Thomas
August
Ryan

Work Posts Résumé

Malicious Scraping and Account Number Schemes

On Monday morning just before 11 AM my supervisor walked into my cube. “Hey Tom, did you change anything about the voting precincts query lately?” Nope, I hadn’t changed that thing in months. We walked over to his office where he was remoted into the VM that one of our databases runs on. Task Manager was showing 99% CPU usage. Emails from customers reporting the uncharacteristic slowness of Parcel Details, my web app, started pouring in.

My supervisor started the troubleshooting process by running a command against our MS-SQL server instance that reported what queries were taking the most resources to run. This report showed that a query that looked up voting precincts in my app was eating up an order of magnitude more resources than any of the other queries that this database was executing. As it turned out this was a bit of a red herring, but it eventually led us down the right path.

Next, we reviewed the database logs to look for errors or memory paging, of which there were none. Then we reviewed the logs for a related web app that my supervisor is responsible for supporting which showed that we were experiencing a minor traffic spike, approximately double our normal volume for this day of the week. Still concerned about the extreme CPU usage on the database server we poked around in the Windows event viewer for a few minutes to no avail.

Finally, I returned to my desk and opened the Application Insights dashboard for Parcel Details. It was immediately clear that something was very wrong. The average page load time was 1.5 minutes and 14k failed requests had been reported in the last 24 hours. Server response times had degraded to 1.2 minutes per request, 10k exceptions had been thrown, and 6.5k requests to dependencies had failed. I head straight to the Failures dashboard to investigate.

Three kinds of exceptions had been recorded: database request timed out, account number not found, and cannot open database connection. Looking at the first exception there wasn’t much useful information in the stack trace other than confirming that something had gone wrong with a SQL call to the overwhelmed database from earlier. But luckily for me App Insights had captured the URL of the request to our web server that had triggered this exception.

I fired up a copy of the app from Visual Studio 2019 and slapped the offending URL onto the end of the localhost route. Immediately I was able to reproduce the sluggishness that the users were reporting as the app took over a minute to bump me to an application exception page. Clearly this was a case of not failing out fast enough.

Inspecting the URL more closely I realized that the value for the ?parcel= query string was invalid. There are two formats for valid account/parcel numbers one is fourteen characters long and the other is seven characters long. Neither contain non-numerical characters, although there is a special case for a variant of the 14-digit version which includes dashes. The query string value that was causing this exception contained multiple letters.

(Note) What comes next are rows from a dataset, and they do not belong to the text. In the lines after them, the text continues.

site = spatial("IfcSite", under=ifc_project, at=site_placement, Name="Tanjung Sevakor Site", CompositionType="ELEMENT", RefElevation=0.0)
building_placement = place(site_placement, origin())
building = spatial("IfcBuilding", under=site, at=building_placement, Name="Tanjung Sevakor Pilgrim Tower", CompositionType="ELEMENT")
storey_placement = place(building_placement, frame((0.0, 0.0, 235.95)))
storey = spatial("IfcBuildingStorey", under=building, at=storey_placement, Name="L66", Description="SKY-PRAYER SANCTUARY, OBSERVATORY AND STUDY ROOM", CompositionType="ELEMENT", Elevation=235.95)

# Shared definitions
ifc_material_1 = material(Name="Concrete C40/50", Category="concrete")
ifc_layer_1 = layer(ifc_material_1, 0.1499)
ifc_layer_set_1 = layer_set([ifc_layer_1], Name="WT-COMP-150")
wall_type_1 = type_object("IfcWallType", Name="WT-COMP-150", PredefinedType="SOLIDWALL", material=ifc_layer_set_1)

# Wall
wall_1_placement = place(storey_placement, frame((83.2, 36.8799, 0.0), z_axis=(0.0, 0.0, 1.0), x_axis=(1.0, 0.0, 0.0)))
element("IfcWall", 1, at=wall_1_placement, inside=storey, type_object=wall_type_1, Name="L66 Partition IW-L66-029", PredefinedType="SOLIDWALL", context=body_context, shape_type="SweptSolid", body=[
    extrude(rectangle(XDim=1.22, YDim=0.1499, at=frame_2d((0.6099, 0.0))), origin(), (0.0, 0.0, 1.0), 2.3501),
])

I went to the controller for this page and added a small chunk of input validation code that redirected requests with query strings containing characters other than digits and punctation back to the default search page rather than running them against the database. This change would short circuit the lookup for these accounts that don’t exist and spare the database the hassle of pointlessly trying to look it up.

I ran the testing suite and did a bit of manual verification testing in IIS Express to verify that the fix worked and nothing had regressed. Then I shipped the changes to the staging environment where I again manually verified that the fix worked before pushing this build to production. I waited for a few minutes for something terrible to happen and when nothing occurred, I left to walk around the block for a few minutes. Upon returning I refreshed the dashboard and saw that the telemetry from the database and web server had returned to normal. This incident was resolved in less than an hour.

I wrote up a short postmortem describing the attack and sent it to my supervisor and the customers. Then I started working on this blog post.